One solution would be for the current president of the euro-11, an informal council of EMU members, to attend the G7.

But that would mean far too many Europeans at the G7 -- already Britain, France, Germany and Italy outnumber non-European members the United States, Canada and Japan.

So, according to Luxembourg Economy Minister Robert Goebbels, France suggested an explosive alternative.

National central bankers would simply stay at home.

They would be represented by ECB head Wim Duisenberg and their absence would create three spare places -- one for Duisenberg, one for the president of the euro-11 and one other.

''When we have a European Central Bank why should the governor of the Bank of France be there?'' asked Goebbels.

Out of the question, said the central bankers.

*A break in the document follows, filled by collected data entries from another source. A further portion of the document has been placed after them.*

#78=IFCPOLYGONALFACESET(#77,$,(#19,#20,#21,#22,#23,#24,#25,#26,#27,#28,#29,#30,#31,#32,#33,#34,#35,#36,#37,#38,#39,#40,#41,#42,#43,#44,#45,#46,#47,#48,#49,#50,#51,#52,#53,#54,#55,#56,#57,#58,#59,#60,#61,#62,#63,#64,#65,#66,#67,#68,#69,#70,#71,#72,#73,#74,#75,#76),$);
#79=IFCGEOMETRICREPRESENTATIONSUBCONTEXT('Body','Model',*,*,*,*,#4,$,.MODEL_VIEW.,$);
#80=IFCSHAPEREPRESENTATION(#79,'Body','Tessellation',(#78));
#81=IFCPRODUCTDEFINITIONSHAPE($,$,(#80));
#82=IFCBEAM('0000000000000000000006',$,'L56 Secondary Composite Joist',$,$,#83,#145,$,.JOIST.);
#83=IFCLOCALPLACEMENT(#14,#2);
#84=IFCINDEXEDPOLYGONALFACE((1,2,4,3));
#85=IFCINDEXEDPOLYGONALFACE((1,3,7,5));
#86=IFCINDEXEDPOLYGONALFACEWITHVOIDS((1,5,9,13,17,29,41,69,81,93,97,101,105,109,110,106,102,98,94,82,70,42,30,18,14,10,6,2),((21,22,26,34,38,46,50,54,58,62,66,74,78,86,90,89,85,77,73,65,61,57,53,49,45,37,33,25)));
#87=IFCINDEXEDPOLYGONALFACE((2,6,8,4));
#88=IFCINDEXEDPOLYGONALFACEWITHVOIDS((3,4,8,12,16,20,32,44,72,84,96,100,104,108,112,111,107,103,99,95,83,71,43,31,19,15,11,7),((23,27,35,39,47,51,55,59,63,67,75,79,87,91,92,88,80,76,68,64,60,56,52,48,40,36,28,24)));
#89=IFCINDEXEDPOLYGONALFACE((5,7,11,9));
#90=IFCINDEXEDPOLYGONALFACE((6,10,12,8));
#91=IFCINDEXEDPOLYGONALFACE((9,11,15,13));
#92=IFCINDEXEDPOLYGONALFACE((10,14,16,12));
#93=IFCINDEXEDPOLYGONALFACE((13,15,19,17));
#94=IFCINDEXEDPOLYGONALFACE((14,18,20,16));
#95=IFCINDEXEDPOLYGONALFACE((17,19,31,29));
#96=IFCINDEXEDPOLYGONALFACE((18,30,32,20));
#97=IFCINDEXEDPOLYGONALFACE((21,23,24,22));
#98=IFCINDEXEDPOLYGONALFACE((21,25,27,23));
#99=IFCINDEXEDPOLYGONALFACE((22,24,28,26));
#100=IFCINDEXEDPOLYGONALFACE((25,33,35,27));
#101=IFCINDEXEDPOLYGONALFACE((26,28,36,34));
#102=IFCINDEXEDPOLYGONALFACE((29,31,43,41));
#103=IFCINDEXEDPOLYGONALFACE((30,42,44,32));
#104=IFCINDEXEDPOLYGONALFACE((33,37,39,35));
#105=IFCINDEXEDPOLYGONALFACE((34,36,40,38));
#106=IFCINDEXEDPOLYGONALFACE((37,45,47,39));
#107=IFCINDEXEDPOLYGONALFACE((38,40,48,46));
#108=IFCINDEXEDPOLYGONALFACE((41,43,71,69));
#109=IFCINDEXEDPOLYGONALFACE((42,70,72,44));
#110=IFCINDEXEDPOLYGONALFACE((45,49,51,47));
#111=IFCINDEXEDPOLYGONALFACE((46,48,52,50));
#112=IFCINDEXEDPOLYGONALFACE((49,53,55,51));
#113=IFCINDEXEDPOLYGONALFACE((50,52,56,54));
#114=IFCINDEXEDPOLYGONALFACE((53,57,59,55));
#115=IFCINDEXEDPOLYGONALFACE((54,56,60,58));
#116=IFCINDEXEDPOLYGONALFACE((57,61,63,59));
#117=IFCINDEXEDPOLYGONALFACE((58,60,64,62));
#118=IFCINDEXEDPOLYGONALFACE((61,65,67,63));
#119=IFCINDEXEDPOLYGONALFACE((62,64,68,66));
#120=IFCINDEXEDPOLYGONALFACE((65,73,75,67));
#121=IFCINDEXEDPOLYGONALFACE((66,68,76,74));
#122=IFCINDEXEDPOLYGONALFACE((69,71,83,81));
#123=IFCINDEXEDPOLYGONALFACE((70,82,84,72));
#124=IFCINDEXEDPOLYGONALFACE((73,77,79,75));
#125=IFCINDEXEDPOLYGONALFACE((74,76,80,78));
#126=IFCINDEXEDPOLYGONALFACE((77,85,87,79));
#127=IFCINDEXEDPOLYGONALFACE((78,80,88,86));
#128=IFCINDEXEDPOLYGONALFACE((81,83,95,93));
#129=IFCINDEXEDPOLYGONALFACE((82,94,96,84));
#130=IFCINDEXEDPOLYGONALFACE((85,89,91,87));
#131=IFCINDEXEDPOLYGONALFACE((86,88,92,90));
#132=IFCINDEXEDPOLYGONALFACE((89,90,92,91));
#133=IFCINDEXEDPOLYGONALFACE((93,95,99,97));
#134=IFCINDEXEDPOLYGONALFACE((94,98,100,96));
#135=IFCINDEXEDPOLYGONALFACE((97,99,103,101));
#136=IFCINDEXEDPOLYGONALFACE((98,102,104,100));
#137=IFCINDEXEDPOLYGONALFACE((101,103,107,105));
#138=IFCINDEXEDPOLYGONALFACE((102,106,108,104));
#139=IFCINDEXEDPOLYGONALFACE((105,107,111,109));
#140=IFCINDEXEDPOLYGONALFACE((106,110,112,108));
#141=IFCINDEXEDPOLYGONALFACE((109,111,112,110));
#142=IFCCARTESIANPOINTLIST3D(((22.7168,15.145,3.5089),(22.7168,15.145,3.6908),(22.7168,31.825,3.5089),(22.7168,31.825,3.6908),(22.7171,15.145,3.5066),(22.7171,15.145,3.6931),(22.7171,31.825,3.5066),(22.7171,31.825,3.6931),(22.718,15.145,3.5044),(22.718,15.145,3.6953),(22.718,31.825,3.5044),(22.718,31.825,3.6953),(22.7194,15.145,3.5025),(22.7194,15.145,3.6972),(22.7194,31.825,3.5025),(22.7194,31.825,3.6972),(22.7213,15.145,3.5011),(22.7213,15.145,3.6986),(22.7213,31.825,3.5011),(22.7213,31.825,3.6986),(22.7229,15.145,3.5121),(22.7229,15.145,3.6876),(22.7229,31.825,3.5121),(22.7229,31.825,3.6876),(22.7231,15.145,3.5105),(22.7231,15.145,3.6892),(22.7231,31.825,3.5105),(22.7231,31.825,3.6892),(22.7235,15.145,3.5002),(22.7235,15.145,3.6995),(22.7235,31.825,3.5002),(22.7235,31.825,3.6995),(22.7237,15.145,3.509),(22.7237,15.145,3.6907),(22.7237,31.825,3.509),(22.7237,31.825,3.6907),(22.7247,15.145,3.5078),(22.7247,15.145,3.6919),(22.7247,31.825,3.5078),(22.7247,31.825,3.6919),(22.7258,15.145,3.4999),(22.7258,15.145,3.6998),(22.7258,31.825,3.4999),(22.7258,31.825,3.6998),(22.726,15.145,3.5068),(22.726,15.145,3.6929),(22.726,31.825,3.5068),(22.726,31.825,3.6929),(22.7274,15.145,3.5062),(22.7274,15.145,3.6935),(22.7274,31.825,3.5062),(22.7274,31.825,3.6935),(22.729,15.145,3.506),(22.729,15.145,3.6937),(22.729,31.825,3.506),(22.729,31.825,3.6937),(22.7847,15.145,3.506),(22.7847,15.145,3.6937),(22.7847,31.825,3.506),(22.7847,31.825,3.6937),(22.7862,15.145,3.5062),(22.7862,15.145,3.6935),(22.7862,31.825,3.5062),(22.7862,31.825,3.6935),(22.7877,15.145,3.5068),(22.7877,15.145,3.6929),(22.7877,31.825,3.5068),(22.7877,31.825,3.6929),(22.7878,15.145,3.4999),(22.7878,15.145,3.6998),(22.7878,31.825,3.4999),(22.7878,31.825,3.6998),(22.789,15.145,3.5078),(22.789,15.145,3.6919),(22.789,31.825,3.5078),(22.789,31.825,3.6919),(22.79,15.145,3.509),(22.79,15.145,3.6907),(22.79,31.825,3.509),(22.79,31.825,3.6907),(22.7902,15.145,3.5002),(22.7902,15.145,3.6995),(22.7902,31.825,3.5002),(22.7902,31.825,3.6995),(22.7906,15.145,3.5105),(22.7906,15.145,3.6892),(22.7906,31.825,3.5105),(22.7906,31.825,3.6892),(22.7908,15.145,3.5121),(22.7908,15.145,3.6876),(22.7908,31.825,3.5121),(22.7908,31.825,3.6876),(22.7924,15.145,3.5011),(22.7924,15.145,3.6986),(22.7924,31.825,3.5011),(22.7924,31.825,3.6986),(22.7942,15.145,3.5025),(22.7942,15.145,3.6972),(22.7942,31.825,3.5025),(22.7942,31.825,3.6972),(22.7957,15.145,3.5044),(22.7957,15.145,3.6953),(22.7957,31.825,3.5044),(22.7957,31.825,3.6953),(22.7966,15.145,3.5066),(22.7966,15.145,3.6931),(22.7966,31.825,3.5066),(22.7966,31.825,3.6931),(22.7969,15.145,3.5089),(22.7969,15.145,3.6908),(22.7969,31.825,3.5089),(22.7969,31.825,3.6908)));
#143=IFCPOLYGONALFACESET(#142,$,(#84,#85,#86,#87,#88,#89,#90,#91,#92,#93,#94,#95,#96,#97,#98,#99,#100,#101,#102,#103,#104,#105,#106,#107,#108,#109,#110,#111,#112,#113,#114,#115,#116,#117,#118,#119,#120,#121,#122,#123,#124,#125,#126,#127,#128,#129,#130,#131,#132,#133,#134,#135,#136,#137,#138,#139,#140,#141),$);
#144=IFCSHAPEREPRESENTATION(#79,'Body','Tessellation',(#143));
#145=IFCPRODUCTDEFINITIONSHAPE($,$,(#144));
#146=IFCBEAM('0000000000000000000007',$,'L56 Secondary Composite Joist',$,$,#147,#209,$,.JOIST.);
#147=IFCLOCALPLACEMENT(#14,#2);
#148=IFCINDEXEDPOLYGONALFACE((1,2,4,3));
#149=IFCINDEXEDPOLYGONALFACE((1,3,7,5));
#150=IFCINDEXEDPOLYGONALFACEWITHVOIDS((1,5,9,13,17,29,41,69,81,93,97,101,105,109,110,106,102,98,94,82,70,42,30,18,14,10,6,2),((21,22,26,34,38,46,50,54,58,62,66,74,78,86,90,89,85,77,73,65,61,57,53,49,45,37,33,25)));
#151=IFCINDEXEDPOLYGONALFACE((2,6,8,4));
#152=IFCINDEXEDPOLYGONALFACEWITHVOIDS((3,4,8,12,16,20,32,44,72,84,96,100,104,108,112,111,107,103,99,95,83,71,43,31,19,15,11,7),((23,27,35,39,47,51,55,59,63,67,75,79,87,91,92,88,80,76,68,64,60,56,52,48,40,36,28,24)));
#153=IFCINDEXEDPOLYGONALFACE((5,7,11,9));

''Neither he (Bundesbank head Hans Tietmeyer) nor I will agree not to take part in the meeting,'' Bank of France governor Jean-Claude Trichet, speaking with uncharacteristic vehemence, told a news conference.

French Finance Minister Dominique Strauss-Kahn refused to confirm that France had ever suggested ditching national central bank heads and noted that they would be needed in discussions on banking supervision and international payments.

Aides rushed to explain that the real issue at the G7 was one of allotted speaking time rather that seating places -- a neat solution which may pave the way for a compromise at the next finance ministers' meeting in October.

But the debate about the balance of power between the ECB and governments looks set to rumble on.

France has been pushing for Europe to be ready to act to boost growth if the crisis in emerging markets worsens.

That could eventually mean a cut in interest rates -- though ministers and central bankers have said there is no pressure right now for a reduction in Europe's core interest rate below the benchmark German repo rate of 3.30 percent.

Germany, however, wants nothing which would smack of political interference in the independent central bank.

And in any case, Europe's governments have to convince the ECB that they themselves are serious about maintaining tight fiscal policies, as most analysts believe the ECB would not cut if it thought budgets were too lax.